' ' Cinema Romantico: Three Burials of Melquiades Estrada

Wednesday, February 22, 2006

Three Burials of Melquiades Estrada

Everyone will want to discuss the first foray into directing by Oscar-winning actor Tommy Lee Jones when referencing this film, and that’s fine. He does a solid job. But allow me to go in a different direction. The script. Ah yes, the script. It was penned by Guillermo Arriaga who also authored the riveting “21 Grams” (a Prigge Top 5 Film in 2003). That movie was told with an extremely fractured narrative – bouncing back and forth, forth and back in time and cutting to scenes that narratively speaking had nothing to do with the preceding or following scenes. This was a criticism of the movie in some circles. I stand outside those circles – way outside them. To tell “21 Grams” in a linear fashion would have been a fatal mistake and I believe that even more strongly after seeing Tommy Lee Jones’ directorial debut.

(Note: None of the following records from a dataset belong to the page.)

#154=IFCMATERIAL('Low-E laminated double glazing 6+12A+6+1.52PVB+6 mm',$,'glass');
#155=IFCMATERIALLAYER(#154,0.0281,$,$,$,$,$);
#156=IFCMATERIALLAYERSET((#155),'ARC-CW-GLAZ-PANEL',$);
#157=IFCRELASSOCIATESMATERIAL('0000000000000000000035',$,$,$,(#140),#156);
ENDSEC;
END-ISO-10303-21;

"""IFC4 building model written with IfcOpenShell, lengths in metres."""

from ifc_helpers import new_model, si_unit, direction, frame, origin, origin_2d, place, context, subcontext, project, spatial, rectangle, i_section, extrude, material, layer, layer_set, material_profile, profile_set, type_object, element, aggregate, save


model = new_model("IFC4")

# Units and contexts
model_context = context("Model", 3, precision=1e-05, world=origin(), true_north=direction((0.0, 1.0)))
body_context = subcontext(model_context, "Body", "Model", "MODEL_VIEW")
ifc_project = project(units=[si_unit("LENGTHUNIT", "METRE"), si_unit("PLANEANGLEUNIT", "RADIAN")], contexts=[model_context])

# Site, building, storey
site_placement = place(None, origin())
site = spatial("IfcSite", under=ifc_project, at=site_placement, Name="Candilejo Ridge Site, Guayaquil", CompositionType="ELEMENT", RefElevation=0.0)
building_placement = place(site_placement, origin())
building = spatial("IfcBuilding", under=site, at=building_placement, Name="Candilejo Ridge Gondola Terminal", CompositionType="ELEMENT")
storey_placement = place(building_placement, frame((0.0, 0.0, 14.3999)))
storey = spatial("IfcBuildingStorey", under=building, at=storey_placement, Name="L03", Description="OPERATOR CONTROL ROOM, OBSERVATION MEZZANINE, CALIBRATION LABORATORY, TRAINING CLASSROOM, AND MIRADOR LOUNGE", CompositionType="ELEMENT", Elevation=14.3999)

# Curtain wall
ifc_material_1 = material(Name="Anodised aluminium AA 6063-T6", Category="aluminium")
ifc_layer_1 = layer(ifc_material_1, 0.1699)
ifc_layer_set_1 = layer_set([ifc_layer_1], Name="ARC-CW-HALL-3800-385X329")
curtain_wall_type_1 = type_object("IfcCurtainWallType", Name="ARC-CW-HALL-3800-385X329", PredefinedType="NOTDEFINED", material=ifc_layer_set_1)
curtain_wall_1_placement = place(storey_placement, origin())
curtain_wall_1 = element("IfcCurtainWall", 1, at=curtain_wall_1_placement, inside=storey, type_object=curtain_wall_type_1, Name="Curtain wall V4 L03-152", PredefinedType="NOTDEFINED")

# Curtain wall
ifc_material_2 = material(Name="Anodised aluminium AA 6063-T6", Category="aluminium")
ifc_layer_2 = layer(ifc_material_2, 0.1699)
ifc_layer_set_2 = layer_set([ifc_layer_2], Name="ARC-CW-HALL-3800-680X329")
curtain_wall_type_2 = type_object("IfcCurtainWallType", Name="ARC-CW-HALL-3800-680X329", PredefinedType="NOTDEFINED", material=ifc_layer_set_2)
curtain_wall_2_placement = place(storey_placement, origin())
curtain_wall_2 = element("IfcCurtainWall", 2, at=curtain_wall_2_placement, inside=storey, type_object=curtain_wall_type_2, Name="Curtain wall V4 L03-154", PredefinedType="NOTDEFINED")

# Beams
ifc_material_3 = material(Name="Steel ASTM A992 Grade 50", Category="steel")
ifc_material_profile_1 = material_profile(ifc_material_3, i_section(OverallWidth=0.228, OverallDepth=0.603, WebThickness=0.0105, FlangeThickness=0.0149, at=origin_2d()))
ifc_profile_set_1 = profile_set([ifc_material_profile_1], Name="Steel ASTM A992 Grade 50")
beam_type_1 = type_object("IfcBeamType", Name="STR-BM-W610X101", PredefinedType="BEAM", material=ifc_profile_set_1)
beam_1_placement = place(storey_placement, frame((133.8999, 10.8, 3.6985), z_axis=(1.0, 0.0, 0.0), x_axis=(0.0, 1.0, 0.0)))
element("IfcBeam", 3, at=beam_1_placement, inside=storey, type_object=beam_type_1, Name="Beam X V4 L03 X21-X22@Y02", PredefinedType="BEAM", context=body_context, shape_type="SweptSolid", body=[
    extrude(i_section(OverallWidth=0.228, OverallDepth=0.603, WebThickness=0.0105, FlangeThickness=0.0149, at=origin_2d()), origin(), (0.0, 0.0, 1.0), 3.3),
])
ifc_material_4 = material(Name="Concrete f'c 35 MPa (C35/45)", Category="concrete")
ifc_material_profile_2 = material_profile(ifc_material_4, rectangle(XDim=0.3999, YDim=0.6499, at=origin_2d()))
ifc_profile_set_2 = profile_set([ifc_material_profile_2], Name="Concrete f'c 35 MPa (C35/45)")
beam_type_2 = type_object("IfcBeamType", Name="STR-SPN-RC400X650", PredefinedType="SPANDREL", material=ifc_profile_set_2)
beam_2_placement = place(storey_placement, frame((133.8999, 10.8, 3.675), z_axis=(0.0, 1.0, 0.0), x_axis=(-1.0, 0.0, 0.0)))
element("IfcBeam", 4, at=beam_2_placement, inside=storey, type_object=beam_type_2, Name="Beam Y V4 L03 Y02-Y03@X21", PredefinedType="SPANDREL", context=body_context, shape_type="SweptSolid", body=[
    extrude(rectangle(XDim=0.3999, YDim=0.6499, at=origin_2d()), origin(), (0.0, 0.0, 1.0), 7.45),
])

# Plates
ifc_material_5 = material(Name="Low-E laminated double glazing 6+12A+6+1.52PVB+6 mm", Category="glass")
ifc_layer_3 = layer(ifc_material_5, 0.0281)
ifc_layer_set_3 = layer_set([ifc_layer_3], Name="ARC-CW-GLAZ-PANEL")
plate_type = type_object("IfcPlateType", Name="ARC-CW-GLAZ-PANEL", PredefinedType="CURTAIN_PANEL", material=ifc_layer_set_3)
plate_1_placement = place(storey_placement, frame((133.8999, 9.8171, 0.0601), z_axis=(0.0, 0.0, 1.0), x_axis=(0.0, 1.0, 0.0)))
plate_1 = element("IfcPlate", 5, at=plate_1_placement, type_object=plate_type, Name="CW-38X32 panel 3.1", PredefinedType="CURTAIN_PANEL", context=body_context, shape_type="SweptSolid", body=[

“Three Burials” tells the story of Jones’ hardened cattle-man who befriends and provides work to illegal immigrant Melquiades Estrada. This is told in conjunction with the tale of a dense border guard (played ably by Barry Pepper) and his disinterested wife. Pepper’s border guard accidentally shoots Melquiades and kills him. This accident is portrayed as one of the most stupid variety – which is exactly right. There’s no rhyme or reason in the killing or in anything that seems to go on in this tiny border town. Thus when Jones’ cattle-man realizes the inept town sheriff is going to do nothing in relation to the obvious murder he chooses to take justice into his own hands and give Melquaides the burial he had requested in the movie’s most moving sequence.

These early scenes are portrayed in Arriaga’s distinct splintered style. We see the burgeoning friendship of the cattle-man and Melquaides. We see the crumbling marriage of the border guard and his young wife. We see a waitress at the local diner who sleeps around more from boredom than anything else.

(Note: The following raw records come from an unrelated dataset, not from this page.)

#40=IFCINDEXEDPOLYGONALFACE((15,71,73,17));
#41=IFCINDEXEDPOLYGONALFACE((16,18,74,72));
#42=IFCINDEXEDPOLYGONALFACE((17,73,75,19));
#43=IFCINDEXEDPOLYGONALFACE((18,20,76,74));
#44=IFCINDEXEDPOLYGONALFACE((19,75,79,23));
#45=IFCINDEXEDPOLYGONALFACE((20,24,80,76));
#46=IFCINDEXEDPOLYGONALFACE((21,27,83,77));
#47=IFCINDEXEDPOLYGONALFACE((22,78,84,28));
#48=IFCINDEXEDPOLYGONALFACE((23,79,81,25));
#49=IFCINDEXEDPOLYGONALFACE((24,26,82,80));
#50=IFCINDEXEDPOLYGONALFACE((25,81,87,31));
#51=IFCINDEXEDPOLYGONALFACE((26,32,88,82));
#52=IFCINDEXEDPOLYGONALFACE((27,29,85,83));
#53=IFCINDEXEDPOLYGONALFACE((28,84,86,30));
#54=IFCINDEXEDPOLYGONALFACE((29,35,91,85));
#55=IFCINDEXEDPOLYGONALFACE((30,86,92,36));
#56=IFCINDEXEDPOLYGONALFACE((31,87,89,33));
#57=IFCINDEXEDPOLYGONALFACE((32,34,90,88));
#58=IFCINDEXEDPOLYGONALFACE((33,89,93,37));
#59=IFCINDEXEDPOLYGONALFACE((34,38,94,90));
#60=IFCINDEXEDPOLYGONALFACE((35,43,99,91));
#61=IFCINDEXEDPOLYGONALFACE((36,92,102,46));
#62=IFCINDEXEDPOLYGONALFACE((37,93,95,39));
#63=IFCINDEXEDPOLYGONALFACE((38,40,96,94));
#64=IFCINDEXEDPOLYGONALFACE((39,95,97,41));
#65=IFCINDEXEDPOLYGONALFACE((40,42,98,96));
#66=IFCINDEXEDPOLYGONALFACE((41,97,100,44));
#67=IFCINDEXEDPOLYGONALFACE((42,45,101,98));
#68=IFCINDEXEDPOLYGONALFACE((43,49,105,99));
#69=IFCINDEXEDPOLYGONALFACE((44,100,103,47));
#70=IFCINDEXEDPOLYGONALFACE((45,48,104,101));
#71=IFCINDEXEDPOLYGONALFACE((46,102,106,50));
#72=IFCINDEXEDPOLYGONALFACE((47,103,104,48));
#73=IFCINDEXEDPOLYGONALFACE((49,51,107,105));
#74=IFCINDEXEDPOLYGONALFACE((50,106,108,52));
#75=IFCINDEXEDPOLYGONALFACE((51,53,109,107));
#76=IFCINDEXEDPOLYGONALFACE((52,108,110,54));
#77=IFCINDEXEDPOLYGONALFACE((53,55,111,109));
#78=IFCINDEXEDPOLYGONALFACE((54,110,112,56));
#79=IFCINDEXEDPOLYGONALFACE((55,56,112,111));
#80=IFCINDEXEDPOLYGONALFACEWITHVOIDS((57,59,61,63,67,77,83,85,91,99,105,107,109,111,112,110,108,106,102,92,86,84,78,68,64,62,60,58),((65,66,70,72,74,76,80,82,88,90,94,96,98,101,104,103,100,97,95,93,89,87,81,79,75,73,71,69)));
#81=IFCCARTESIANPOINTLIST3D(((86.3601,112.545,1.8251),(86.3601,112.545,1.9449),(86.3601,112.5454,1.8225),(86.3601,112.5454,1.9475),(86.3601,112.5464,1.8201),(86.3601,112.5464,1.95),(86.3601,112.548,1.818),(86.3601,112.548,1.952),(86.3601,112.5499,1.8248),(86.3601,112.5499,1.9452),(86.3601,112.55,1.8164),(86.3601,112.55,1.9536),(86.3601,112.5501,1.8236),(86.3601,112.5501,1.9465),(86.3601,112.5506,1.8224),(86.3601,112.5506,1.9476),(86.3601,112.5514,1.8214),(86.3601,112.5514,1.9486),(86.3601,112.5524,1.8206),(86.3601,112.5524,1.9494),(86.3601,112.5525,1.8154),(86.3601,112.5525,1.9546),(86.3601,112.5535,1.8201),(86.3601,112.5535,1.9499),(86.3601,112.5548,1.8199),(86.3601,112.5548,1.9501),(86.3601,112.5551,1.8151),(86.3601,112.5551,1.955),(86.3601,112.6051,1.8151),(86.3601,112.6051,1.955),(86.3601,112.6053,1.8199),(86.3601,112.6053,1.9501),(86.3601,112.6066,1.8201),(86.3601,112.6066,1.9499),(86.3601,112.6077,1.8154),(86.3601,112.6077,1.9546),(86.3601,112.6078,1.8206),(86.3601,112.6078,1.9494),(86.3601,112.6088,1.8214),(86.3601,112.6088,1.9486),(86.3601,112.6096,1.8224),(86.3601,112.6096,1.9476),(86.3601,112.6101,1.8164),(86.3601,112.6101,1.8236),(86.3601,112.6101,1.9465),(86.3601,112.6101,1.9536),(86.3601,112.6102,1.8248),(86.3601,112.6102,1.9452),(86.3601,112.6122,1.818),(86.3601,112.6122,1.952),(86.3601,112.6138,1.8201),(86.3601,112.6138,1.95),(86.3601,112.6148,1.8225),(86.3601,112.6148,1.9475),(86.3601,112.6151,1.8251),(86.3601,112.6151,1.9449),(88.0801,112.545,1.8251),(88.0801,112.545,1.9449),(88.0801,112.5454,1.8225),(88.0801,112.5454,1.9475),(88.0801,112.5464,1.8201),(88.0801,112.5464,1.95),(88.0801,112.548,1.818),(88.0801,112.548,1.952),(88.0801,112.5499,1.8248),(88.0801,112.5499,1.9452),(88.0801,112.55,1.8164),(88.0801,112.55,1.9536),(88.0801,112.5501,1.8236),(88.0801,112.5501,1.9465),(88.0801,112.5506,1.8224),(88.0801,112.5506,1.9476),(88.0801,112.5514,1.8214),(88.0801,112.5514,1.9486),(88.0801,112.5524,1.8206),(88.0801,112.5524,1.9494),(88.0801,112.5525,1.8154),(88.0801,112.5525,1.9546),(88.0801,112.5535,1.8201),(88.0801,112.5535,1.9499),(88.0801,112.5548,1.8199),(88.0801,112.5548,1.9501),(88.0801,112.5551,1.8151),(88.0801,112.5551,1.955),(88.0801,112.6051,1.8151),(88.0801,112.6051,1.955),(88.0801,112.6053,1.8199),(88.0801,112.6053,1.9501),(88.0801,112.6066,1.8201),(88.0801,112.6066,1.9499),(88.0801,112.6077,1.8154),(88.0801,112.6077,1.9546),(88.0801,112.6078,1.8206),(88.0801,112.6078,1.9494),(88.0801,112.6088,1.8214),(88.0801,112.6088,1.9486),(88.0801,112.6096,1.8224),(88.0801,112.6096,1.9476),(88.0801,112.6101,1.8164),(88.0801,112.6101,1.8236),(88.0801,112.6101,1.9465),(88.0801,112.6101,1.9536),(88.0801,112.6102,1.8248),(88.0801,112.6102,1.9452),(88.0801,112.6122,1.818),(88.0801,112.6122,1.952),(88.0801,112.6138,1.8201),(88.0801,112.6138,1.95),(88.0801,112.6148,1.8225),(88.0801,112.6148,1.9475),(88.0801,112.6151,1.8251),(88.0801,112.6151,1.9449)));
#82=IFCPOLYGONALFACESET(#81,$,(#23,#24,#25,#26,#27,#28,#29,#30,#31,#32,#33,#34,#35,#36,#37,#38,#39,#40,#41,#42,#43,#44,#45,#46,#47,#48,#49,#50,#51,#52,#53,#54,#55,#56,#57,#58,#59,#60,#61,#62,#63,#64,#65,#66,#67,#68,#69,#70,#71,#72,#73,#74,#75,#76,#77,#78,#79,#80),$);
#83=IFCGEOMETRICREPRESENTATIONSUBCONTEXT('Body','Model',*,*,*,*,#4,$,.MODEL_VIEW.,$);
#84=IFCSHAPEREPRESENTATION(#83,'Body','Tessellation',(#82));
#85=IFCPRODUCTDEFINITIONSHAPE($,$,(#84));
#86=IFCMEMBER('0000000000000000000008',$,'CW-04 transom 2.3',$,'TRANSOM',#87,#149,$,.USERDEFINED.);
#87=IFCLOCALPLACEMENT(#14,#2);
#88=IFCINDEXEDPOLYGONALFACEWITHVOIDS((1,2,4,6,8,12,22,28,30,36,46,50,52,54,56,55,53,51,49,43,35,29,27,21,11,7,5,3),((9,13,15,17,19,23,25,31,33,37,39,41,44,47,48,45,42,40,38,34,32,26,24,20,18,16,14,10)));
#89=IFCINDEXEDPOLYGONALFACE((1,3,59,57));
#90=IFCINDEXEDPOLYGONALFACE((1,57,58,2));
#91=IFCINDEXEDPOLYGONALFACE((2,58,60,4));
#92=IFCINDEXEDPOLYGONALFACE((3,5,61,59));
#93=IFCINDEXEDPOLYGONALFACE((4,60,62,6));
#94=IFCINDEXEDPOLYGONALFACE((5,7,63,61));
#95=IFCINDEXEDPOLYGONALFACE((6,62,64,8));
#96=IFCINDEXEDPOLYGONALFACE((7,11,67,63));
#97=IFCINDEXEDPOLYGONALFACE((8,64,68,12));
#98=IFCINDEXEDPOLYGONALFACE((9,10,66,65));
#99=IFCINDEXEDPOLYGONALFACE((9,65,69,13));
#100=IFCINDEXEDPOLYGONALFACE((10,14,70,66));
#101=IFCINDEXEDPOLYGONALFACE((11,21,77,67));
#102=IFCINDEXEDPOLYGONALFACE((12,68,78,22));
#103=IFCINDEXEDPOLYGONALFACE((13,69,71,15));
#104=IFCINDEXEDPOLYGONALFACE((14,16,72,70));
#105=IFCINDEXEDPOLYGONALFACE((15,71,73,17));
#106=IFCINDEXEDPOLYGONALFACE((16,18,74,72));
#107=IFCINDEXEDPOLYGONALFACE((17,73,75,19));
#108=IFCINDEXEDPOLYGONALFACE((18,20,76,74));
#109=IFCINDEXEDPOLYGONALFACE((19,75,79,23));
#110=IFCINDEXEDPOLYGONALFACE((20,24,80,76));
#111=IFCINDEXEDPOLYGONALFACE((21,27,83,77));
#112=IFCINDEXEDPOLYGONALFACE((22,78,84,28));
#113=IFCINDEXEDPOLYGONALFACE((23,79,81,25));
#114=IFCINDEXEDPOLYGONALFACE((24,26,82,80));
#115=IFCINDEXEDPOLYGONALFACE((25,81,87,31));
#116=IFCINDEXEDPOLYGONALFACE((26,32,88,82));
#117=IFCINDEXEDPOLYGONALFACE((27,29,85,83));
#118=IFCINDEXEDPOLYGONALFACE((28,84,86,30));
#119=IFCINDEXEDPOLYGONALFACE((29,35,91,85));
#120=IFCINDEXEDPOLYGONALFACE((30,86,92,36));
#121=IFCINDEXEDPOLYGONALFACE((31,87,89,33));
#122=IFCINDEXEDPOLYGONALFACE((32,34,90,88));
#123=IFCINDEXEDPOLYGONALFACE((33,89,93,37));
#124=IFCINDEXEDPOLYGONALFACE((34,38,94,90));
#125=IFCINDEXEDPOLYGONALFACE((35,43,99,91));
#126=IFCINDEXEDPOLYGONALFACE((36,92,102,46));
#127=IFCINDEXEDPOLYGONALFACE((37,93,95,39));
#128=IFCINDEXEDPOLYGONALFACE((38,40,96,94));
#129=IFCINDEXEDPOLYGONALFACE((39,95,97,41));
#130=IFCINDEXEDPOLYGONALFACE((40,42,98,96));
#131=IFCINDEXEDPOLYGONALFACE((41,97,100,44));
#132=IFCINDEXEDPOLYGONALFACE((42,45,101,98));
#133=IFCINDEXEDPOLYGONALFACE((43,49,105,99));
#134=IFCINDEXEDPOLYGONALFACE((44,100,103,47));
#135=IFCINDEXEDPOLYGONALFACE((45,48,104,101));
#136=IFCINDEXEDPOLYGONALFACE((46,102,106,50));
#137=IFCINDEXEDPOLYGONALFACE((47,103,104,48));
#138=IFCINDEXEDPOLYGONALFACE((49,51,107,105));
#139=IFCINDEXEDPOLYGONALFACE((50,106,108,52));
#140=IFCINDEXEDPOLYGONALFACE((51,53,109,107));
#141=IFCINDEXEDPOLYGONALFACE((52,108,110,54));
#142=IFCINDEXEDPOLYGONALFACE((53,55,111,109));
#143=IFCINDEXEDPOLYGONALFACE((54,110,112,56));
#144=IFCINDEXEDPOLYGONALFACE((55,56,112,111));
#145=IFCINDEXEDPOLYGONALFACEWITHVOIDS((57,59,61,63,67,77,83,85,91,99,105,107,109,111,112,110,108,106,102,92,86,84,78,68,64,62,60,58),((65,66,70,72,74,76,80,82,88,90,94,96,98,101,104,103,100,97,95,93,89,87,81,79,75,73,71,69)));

But once the shooting has happened and Jones determines the person responsible, he kidnaps the border guard and sets off on what a subtitle helpfully calls “The Journey”. And this is where the movie weakens. Rather than continuing with jump-cut style of the first act it becomes a straight-forward narrative. It doesn’t fall apart, mind you, it just loses it momentum – it’s edge – it’s style. Suddenly, it just feels like a road movie on horseback with several diversions existing it seems merely to show something happening.

I adore the idea of Jones not simply seeking vengeance and taking Pepper along for the ride to properly burial Melquaides. This allows the film to rise above the revenge movie clichés and become something else. But I would have preferred to see this journey inter-cut with the rest of the story rather than standing on its own. It becomes conventional and the convention does not work as well as it might have.

Was it this way to start in the script? Did Jones make the decision? Or the studio? Who knows? But this blogger thinks it was the wrong way to go. That quibble aside, it’s still a worthwhile movie that shows Tommy Lee Jones may have more directing chops than I would have guessed.